Tuesday, May 02, 2017

Thank you, Poppy.


He had been sick for a while. He had for all real purposes been lost to us for quite some time. He had drifted away into a place where we could no longer reach him. I could not bear to see him like that. A fantasy world that I hope was a pleasant and peaceful place. For those of us left here it was devastating to have him here physically but unreachable mentally. In my mind's eye, he will always be a big, healthy, happy person. His voice matched his size, and for the life of me I could never shake the resemblance he had to the fictional "Santa Claus." Big and Jolly!

I have memories of him from as far back as I am capable of remembering. He was always there. As a little girl, he delighted me with all sorts of whimsical adventures. Hop in the van and just see where he ends up! There was the open window, the many people he would encounter and speak to, the silly songs he would sing and the questions that had no real necessity. His chatter was just for fun, and if ever there might happen to be a garage sale wellllll.... we would have to stop by and just see what was there. He never failed to find a treasure for someone. I have that silliness to me too, and I love it. It is one of my favorite traits in me. Thank you, Poppy.

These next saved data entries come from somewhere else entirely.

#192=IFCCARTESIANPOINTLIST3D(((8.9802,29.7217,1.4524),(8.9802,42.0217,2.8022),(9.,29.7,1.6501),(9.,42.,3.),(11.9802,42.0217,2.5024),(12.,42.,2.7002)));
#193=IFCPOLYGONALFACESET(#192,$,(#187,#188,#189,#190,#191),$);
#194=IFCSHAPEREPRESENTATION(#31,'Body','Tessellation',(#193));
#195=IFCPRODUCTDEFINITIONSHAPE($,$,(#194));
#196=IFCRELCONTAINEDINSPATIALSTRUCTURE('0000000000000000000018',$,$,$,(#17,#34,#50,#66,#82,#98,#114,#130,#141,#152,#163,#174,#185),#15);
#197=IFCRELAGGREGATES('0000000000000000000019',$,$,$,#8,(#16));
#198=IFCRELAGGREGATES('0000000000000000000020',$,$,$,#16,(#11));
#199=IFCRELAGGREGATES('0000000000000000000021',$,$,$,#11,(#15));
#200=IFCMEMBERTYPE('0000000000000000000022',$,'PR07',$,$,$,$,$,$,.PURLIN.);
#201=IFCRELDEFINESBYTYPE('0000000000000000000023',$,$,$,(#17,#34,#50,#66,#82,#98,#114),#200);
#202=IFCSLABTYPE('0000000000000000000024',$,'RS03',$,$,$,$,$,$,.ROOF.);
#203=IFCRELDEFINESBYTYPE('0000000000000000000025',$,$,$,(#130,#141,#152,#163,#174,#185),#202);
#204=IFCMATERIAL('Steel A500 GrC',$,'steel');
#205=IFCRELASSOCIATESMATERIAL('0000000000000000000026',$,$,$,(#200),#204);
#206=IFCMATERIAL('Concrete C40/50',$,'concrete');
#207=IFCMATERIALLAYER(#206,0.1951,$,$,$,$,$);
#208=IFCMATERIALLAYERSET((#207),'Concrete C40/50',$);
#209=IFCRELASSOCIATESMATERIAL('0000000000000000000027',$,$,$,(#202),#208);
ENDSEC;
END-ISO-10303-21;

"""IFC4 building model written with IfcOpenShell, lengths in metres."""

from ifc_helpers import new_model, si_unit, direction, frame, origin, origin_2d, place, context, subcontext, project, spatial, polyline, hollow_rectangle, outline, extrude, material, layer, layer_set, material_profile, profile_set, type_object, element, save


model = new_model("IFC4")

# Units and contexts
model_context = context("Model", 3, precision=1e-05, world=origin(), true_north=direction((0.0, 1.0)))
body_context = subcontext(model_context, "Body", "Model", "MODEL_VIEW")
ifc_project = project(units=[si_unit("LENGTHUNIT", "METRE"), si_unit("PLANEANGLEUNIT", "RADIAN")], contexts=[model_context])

As I got older, I learned what a respected man he was. My Dad thought the world of his father and that carried over into me. Poppy was a family man, and he instilled responsibility and pride in my dad. That is a commendable task for any father to pass on to his son.

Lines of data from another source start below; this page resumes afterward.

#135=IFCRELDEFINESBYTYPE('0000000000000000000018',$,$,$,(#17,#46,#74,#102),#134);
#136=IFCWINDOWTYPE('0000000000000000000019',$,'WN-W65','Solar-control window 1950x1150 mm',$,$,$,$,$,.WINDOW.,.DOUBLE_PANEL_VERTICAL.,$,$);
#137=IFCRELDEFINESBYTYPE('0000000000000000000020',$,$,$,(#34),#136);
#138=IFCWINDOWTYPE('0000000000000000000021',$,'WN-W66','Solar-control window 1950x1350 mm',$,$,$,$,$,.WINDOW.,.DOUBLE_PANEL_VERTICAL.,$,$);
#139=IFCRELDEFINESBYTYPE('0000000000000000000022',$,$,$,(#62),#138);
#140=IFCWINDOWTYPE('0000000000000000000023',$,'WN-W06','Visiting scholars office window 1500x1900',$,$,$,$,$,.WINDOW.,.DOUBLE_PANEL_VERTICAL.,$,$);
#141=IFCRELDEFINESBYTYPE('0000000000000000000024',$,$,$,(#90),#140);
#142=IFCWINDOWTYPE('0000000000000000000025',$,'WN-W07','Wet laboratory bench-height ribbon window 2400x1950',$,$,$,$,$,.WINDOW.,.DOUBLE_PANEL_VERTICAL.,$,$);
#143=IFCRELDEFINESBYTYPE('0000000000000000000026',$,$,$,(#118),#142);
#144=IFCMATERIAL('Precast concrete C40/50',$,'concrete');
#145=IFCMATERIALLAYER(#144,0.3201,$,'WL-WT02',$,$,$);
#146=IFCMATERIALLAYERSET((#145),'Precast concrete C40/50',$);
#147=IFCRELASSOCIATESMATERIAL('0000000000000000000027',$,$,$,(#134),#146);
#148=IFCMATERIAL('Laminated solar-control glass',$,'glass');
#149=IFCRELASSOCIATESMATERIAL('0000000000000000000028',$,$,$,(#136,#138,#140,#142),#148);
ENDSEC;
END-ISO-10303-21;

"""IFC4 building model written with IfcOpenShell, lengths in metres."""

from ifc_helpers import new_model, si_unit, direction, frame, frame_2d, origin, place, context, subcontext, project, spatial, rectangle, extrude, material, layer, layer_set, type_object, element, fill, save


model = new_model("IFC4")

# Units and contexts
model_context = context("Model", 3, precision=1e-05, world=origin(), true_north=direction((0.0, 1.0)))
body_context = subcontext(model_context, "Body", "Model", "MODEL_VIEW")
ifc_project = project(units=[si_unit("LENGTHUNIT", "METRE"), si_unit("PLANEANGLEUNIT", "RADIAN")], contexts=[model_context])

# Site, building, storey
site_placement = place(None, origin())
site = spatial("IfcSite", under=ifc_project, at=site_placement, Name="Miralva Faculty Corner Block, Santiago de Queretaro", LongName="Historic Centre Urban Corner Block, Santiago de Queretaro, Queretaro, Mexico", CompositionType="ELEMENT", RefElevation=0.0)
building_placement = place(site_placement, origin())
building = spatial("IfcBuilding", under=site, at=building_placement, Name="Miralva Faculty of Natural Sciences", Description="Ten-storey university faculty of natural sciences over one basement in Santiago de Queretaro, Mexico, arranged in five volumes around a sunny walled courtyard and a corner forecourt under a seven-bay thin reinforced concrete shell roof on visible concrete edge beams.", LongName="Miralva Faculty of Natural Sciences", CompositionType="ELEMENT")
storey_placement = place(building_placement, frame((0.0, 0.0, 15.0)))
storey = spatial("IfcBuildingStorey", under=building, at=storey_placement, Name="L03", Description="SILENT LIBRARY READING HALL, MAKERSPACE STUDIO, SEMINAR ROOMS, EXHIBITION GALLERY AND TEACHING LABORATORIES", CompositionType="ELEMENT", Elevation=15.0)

He was always good to me. Genuinely happy to see me. Proud of me. That was something very special to me. I hope he saw in me the good things he had every part of helping me to be. I am strong and strong willed, and as I grew away from being that little girl, he had a hard time allowing me to grow up. It 's hard to let the babies fly from the nest. I, being of that strong will, however, flopped myself right out and flew. Can't say that I never clipped a tree or took a nose dive or two but all in all I think Poppy would have to say that he could sit back be proud of the person I have become. He was very much a part of that. Thank you, Poppy.

When I had my first son, he became Poppy's namesake. My tribute to him. My heartfelt expression of the respect and love I carry for him. My son now knows the respect and love I have for my Poppy. He knows why he is named and he has pride in that name. That makes me happy. It makes me feel like life goes on and the world continues to spin.

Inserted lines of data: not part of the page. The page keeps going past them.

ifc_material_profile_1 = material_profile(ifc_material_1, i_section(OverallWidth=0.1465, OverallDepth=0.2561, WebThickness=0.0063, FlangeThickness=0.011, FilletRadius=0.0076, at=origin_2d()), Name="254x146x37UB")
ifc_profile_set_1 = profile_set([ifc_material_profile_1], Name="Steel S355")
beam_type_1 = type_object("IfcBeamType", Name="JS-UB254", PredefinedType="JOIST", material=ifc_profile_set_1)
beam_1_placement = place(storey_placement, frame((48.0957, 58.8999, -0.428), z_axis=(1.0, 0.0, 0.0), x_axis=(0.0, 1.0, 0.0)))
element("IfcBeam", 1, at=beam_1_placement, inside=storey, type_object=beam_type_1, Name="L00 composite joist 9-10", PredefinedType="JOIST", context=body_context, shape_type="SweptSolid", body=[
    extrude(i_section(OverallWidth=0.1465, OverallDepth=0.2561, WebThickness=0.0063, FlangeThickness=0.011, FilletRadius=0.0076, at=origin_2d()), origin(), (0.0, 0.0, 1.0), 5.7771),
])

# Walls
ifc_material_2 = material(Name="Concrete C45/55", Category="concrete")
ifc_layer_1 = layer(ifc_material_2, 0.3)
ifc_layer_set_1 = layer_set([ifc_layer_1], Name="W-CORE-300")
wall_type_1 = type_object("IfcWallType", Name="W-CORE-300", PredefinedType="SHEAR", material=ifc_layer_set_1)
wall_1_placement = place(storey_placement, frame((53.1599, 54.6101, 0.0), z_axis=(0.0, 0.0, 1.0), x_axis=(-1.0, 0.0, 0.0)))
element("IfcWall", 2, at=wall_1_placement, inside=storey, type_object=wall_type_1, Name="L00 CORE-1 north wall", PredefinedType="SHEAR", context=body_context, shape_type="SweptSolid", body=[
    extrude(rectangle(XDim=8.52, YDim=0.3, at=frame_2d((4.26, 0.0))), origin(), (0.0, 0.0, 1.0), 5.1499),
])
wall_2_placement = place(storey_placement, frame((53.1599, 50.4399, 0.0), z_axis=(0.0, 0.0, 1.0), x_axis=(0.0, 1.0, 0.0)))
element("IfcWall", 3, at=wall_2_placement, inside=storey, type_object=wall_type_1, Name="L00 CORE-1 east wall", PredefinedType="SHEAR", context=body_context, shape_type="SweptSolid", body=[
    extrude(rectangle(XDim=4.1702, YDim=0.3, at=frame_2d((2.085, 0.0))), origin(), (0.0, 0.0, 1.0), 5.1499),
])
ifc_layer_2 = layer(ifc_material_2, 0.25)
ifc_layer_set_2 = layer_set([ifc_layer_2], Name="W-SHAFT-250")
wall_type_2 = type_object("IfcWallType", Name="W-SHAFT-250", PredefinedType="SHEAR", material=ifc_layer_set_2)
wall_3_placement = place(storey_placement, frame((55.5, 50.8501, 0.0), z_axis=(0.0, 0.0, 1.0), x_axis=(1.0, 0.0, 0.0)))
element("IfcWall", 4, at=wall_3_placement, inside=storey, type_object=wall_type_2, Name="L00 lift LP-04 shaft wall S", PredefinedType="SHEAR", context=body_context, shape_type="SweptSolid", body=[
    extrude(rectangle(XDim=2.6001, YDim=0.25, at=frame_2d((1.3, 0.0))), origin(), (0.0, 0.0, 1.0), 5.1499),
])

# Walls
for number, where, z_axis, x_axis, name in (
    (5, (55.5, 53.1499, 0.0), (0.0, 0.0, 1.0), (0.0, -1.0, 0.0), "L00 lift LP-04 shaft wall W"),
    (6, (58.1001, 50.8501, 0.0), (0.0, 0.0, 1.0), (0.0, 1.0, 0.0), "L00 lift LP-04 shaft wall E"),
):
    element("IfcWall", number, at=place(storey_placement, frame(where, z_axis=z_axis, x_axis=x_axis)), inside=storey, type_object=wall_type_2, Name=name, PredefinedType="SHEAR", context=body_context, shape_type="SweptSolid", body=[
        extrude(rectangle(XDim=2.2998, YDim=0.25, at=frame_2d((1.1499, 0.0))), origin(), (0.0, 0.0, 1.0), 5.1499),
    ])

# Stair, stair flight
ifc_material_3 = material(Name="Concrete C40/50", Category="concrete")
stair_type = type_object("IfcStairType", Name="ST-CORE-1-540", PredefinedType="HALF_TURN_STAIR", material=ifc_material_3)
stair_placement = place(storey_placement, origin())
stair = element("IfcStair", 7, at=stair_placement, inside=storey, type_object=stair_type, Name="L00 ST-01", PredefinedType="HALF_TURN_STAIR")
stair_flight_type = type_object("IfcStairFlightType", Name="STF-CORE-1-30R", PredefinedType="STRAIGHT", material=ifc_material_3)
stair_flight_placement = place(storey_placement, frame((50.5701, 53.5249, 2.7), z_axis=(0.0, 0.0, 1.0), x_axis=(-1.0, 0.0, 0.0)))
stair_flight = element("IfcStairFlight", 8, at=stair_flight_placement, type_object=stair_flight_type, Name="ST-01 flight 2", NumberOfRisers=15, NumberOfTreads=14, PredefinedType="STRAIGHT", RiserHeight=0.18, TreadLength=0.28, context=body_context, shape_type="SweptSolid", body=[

In death Poppy re-gained who he was. No longer trapped in a body that prohibited who he was. No longer a prisoner to the limitations of his age and this world. Even though this world seems a little too empty and my heart feels a bit too broken- I have to find peace and joy in the return of Poppy's essence. He has victory over becoming a victim of age and being human. Maybe I am silly, but I feel the return of his former vitality in the air around me.

In every cell of my body, there is admiration, respect, and love for you Poppy. You will forever be a part of me. I love you, and I am happy for you. You are free.